« Il n'y a pas d'action rapide mais, in fine, le syndic est sûr de gagner. » Sabrina, gestionnaire d'immeuble pour un grand groupe depuis plus de 15 ans à Bordeaux, est formelle : « Des jardins qui ne sont pas entretenus, il y en a souvent. L'usager doit veiller à son entretien, ce qui est généralement noté au règlement de copropriété et nous, syndic, nous veillons au respect du règlement de copropriété. Entre autres (rires). » Le règlement de copropriété. La Bible du syndic. Tous ceux interrogés indiquent qu'en grande majorité les jardins attachés au logement des copropriétés sont bien des « parties communes à jouissance privative », que c'est indiqué dans le règlement de l'immeuble. C'est-à-dire que le terrain appartient bien à la copropriété, mais que tout le reste : plantations, arbustes, arbres, doit être entretenu par l'usager. Soit le copropriétaire, soit le locataire (1). Rien d'extraordinaire, cela semble même évident. Et pourtant, nombre de témoignages convergent vers l'absence d'entretien de ces espaces. « J'ai eu un cas, poursuit Sabrina, où les plantes avaient tellement poussé, les troncs s'étaient tellement épaissis, que la façade a été abîmée et la fenêtre du premier étage obstruée. » Autre cabinet, même réjouissance. Julie, syndic à Nice depuis cinq ans pour le même grand groupe, avoue avoir eu plusieurs cas comme celui-là. « Souvent c'est le locataire qui est défaillant. Le gazon n'est pas tondu, les mauvaises herbes prolifèrent, les moustiques sont attirés, parfois les cafards et les souris s'installent. Et les copropriétaires nous assomment de courriers. On se sent impuissants. Pourtant, quoi qu'il arrive, l'usager devra toujours être celui qui s'occupe du jardin, celui qui devra payer pour son entretien s'il ne le fait pas et qu'une gêne avérée est occasionnée. » Que faire quand ça dégénère ?

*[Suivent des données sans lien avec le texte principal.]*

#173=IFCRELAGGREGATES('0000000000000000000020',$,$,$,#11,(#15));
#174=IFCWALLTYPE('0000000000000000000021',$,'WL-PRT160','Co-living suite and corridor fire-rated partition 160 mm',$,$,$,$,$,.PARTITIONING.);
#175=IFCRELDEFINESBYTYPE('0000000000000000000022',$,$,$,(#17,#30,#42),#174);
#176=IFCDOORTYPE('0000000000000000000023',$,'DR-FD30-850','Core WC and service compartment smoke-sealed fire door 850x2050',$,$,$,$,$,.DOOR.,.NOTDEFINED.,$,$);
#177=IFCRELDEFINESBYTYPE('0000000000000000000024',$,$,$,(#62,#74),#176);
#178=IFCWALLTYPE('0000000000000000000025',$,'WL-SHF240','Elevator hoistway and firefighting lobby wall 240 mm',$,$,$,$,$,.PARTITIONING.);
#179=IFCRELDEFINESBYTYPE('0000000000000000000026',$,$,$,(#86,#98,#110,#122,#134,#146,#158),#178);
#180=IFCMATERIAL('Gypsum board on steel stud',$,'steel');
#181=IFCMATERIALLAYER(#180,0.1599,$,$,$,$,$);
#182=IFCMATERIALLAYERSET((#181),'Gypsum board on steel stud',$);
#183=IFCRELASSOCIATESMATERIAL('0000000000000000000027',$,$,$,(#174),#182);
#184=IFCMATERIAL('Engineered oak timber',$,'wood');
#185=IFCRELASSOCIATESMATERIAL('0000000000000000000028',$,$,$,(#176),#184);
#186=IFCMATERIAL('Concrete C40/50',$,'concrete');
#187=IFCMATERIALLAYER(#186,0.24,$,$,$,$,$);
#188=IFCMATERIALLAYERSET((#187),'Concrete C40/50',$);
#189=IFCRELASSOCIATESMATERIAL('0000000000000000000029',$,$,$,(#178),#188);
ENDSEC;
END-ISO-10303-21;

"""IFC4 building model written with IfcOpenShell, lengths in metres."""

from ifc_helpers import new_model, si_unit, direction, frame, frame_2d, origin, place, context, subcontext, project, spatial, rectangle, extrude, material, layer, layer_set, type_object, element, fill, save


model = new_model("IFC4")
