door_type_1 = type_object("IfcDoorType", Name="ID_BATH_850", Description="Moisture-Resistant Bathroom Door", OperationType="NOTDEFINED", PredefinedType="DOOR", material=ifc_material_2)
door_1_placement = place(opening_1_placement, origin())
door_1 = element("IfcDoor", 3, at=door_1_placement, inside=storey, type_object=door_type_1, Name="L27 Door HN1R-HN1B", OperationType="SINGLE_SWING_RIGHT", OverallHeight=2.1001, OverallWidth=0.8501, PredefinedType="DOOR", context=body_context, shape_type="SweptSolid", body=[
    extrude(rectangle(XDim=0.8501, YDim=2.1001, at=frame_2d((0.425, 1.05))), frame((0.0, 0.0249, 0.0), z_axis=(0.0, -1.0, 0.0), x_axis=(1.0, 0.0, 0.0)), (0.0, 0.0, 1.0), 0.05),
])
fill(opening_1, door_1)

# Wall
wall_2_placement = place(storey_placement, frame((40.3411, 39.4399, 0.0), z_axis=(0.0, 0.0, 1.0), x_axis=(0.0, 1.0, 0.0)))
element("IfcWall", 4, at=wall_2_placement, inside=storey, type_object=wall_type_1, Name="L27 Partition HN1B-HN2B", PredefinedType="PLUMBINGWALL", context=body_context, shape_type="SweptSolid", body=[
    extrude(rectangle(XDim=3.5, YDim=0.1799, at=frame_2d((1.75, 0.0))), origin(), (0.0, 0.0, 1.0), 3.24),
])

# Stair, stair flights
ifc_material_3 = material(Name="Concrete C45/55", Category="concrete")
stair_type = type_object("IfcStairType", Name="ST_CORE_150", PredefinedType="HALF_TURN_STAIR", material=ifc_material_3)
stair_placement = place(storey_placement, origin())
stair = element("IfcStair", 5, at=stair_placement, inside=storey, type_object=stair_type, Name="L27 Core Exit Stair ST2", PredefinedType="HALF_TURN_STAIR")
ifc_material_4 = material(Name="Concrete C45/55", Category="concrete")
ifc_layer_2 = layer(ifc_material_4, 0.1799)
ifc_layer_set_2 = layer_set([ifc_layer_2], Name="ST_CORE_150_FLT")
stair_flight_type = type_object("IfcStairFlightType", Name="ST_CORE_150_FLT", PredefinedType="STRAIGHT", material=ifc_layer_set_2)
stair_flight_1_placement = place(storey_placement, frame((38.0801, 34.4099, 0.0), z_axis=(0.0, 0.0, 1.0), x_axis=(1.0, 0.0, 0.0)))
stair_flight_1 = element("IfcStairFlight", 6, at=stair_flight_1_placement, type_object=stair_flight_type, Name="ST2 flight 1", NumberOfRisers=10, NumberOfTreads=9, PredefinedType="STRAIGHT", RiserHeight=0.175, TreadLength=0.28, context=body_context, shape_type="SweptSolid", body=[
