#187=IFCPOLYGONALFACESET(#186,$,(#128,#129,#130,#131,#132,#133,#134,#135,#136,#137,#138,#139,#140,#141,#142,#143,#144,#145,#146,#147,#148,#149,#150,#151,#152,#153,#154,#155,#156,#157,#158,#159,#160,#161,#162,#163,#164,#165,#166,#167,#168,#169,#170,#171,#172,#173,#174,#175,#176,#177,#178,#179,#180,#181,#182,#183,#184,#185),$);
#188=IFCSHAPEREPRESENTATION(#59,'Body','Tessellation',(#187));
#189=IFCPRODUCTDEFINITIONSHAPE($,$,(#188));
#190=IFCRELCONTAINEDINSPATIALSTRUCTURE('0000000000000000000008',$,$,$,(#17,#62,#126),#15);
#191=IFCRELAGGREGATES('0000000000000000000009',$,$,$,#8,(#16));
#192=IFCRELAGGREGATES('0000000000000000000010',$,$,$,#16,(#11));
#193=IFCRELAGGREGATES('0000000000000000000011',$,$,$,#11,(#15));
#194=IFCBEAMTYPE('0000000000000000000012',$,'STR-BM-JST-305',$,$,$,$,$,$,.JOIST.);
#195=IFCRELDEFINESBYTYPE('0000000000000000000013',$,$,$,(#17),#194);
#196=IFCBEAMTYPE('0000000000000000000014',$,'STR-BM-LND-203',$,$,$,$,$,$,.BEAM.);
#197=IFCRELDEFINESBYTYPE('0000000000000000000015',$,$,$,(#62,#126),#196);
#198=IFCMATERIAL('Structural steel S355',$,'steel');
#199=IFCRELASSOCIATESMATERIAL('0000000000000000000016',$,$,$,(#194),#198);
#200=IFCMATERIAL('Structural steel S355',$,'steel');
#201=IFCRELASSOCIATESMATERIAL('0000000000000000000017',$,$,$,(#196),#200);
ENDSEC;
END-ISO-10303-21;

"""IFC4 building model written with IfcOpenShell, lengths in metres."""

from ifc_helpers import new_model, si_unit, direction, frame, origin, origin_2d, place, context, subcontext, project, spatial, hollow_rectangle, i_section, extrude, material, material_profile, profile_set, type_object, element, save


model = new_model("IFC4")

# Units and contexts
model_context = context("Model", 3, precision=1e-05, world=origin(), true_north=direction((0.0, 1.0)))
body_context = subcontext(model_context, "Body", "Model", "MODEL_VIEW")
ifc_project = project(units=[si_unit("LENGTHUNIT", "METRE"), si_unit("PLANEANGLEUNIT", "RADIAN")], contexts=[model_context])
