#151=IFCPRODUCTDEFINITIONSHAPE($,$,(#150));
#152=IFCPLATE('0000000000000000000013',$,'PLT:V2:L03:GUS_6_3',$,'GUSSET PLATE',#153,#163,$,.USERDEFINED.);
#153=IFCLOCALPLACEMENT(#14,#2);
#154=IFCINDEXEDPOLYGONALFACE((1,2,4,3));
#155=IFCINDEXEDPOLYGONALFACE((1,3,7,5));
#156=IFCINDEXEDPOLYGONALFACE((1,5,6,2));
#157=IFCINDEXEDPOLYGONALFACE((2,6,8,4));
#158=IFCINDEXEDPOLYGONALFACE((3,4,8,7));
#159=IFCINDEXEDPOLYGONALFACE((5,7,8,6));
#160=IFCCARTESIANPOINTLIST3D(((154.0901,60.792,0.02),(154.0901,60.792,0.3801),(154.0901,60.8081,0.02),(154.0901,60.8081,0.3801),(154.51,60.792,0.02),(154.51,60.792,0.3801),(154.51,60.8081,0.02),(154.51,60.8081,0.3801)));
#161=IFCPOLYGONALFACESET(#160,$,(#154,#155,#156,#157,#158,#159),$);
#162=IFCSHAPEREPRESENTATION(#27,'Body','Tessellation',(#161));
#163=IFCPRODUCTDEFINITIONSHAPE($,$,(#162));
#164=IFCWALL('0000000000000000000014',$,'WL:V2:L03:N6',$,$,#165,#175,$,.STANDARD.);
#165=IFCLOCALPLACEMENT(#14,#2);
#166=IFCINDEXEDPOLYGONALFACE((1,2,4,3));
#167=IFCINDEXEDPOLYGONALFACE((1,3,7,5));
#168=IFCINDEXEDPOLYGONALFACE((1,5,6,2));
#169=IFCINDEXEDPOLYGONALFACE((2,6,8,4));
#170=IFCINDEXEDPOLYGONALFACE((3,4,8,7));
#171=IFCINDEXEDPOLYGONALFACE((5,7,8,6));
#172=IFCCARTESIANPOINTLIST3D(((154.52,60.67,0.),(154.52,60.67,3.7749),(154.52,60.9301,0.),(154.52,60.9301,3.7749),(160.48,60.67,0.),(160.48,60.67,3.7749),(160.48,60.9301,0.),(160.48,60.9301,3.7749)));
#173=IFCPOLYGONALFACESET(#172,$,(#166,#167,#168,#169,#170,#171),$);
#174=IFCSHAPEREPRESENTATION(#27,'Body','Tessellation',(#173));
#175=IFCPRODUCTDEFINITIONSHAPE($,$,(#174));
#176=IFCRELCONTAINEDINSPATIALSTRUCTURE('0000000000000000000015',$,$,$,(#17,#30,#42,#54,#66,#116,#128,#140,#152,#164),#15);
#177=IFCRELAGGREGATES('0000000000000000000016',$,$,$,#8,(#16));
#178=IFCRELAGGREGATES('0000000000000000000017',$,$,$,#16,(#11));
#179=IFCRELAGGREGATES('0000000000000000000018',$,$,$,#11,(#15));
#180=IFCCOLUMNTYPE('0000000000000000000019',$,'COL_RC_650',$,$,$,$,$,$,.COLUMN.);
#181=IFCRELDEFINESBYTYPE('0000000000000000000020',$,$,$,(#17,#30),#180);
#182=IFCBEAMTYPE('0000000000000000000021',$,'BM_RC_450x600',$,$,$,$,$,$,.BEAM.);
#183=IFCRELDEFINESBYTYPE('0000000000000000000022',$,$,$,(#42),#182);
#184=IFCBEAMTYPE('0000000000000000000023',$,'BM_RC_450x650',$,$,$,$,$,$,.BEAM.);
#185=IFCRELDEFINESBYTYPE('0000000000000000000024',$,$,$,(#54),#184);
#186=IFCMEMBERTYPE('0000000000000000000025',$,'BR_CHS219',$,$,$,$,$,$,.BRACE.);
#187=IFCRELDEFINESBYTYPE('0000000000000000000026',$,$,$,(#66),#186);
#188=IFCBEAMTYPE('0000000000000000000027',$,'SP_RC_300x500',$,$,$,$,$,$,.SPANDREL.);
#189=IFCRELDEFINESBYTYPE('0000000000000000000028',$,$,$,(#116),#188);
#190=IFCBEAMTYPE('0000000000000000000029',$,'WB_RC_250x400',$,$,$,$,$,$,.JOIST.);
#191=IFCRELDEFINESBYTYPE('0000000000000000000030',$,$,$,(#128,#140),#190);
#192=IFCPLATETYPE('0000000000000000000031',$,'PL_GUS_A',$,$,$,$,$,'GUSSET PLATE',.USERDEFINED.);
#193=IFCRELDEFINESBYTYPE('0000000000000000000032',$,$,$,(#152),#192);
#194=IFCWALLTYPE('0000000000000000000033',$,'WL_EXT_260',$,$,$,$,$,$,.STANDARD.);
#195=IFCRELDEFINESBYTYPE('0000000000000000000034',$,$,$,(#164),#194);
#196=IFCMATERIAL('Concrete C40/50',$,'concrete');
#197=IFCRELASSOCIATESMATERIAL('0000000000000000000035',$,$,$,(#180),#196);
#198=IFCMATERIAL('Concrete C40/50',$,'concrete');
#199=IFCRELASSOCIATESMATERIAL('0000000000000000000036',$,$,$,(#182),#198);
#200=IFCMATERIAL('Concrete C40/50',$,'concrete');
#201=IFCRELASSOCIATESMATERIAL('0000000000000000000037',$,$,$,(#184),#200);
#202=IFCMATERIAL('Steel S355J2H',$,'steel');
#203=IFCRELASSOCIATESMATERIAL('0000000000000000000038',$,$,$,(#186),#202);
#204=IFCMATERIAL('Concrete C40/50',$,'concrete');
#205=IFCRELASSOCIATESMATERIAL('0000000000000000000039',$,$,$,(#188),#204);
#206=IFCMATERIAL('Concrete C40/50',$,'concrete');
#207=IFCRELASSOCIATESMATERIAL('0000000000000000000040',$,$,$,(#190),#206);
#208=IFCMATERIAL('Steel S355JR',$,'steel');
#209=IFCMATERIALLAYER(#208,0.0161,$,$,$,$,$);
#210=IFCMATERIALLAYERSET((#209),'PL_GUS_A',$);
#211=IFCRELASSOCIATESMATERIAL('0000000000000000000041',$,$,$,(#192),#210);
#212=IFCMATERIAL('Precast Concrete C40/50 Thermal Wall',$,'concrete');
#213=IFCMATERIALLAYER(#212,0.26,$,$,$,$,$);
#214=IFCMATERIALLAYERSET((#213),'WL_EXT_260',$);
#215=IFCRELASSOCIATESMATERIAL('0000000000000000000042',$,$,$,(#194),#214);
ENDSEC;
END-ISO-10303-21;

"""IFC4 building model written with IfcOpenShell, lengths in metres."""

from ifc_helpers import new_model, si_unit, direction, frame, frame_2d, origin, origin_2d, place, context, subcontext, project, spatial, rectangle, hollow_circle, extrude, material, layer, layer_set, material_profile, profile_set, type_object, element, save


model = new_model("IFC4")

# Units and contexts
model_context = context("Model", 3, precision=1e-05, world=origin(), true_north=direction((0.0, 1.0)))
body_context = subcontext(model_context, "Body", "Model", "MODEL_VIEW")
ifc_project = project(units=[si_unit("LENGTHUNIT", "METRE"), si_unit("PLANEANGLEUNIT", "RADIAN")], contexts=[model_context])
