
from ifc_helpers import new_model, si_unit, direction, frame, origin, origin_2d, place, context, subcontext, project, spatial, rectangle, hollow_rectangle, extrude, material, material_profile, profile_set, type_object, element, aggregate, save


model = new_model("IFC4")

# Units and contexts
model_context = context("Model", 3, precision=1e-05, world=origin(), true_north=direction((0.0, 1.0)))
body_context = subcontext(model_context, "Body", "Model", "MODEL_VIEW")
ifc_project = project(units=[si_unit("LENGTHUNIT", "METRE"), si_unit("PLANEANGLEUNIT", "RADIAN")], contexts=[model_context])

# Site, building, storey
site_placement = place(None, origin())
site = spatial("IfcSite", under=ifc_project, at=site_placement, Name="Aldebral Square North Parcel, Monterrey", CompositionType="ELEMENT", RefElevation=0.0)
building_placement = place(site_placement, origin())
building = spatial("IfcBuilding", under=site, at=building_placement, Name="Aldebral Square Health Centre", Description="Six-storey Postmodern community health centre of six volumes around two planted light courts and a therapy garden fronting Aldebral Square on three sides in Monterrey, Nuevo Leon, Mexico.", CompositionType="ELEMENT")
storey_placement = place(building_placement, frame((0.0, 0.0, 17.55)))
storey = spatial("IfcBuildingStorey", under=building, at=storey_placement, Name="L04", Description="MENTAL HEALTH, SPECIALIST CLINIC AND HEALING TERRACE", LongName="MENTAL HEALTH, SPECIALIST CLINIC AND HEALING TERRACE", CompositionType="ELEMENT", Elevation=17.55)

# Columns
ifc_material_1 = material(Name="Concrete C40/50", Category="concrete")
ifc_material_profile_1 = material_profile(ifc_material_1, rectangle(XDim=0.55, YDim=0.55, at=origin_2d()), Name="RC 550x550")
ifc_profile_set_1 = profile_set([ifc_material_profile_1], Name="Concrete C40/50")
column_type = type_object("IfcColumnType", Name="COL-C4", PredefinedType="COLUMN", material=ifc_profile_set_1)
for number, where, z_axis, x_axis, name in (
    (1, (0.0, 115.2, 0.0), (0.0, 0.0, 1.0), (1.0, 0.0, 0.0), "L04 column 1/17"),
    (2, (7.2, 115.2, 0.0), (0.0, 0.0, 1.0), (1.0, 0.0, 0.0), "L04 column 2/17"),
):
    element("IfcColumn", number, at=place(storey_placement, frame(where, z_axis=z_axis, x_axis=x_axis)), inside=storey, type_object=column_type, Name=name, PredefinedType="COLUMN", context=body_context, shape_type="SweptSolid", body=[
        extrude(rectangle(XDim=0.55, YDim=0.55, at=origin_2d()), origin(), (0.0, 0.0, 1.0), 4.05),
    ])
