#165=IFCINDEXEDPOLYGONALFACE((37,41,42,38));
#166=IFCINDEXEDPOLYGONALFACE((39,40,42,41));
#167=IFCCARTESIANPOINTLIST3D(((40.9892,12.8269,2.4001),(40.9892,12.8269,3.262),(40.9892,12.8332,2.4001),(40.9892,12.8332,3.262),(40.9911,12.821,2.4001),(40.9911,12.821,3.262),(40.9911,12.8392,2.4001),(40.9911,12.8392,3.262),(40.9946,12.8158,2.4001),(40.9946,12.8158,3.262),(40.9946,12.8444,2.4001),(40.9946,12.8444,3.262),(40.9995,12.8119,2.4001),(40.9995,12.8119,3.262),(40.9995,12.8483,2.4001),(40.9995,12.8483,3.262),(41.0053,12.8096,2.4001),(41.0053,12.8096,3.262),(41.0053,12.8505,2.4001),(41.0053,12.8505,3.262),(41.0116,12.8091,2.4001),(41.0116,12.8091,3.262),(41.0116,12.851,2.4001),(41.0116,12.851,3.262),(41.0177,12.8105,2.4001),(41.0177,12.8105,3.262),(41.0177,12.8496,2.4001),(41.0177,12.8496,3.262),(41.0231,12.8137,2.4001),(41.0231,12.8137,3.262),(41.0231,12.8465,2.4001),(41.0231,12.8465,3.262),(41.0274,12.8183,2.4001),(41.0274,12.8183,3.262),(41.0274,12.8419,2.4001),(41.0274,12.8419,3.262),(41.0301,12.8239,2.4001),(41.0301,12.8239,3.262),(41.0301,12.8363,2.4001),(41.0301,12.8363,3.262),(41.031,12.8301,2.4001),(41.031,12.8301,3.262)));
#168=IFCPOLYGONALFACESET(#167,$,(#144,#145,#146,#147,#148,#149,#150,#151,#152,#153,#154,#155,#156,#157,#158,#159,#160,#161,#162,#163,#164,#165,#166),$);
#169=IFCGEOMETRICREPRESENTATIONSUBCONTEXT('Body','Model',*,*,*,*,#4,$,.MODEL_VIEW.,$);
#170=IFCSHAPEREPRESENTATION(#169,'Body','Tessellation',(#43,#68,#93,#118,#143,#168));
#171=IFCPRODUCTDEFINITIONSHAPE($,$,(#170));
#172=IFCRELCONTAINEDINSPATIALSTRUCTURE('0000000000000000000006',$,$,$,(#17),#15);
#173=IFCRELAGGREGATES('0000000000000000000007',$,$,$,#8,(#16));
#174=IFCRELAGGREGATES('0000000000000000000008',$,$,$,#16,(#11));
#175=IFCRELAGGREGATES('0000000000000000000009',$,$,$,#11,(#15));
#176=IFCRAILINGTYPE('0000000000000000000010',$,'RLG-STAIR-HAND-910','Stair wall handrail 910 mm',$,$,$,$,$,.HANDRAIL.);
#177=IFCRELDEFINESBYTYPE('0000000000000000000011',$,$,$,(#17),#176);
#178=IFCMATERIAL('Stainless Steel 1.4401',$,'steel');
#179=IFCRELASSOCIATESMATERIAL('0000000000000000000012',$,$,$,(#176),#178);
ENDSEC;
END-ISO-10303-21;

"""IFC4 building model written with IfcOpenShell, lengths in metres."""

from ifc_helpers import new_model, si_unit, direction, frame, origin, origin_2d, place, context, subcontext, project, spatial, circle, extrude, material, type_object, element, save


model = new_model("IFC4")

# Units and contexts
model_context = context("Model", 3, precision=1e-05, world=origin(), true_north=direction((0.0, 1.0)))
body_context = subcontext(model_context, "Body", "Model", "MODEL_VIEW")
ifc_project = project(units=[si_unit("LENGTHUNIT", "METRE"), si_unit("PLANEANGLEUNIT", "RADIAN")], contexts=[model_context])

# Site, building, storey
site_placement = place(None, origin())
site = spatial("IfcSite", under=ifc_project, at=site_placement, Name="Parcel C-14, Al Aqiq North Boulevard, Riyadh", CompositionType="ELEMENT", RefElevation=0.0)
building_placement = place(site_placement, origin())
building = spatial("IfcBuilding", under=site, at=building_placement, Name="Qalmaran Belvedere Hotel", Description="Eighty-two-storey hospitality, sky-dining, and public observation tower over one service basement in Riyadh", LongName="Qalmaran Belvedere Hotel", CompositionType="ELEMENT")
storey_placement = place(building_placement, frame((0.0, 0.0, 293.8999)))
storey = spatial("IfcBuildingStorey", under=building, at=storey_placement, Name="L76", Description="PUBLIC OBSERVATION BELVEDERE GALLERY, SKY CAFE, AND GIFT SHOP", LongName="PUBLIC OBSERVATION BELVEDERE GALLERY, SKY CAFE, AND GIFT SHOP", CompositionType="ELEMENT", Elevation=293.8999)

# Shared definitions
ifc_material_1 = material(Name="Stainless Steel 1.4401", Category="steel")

Première chose : regarder le règlement de copropriété. Si l'usage privatif est la règle (il s’agit alors de parties communes à jouissance privative), parfois il peut y avoir des surprises (sur d'anciens immeubles notamment) avec des jardins qui appartiennent en pleine propriété à la copropriété (il s’agit dans ce cas de parties communes), et donc, où le syndicat est garant de l'entretien et du remplacement des essences et autres plantations qui y sont ancrées. Ces cas sont rares semble-t-il. Le syndicat des copropriétaires sera avisé de cet état de fait et devra entretenir ces espaces.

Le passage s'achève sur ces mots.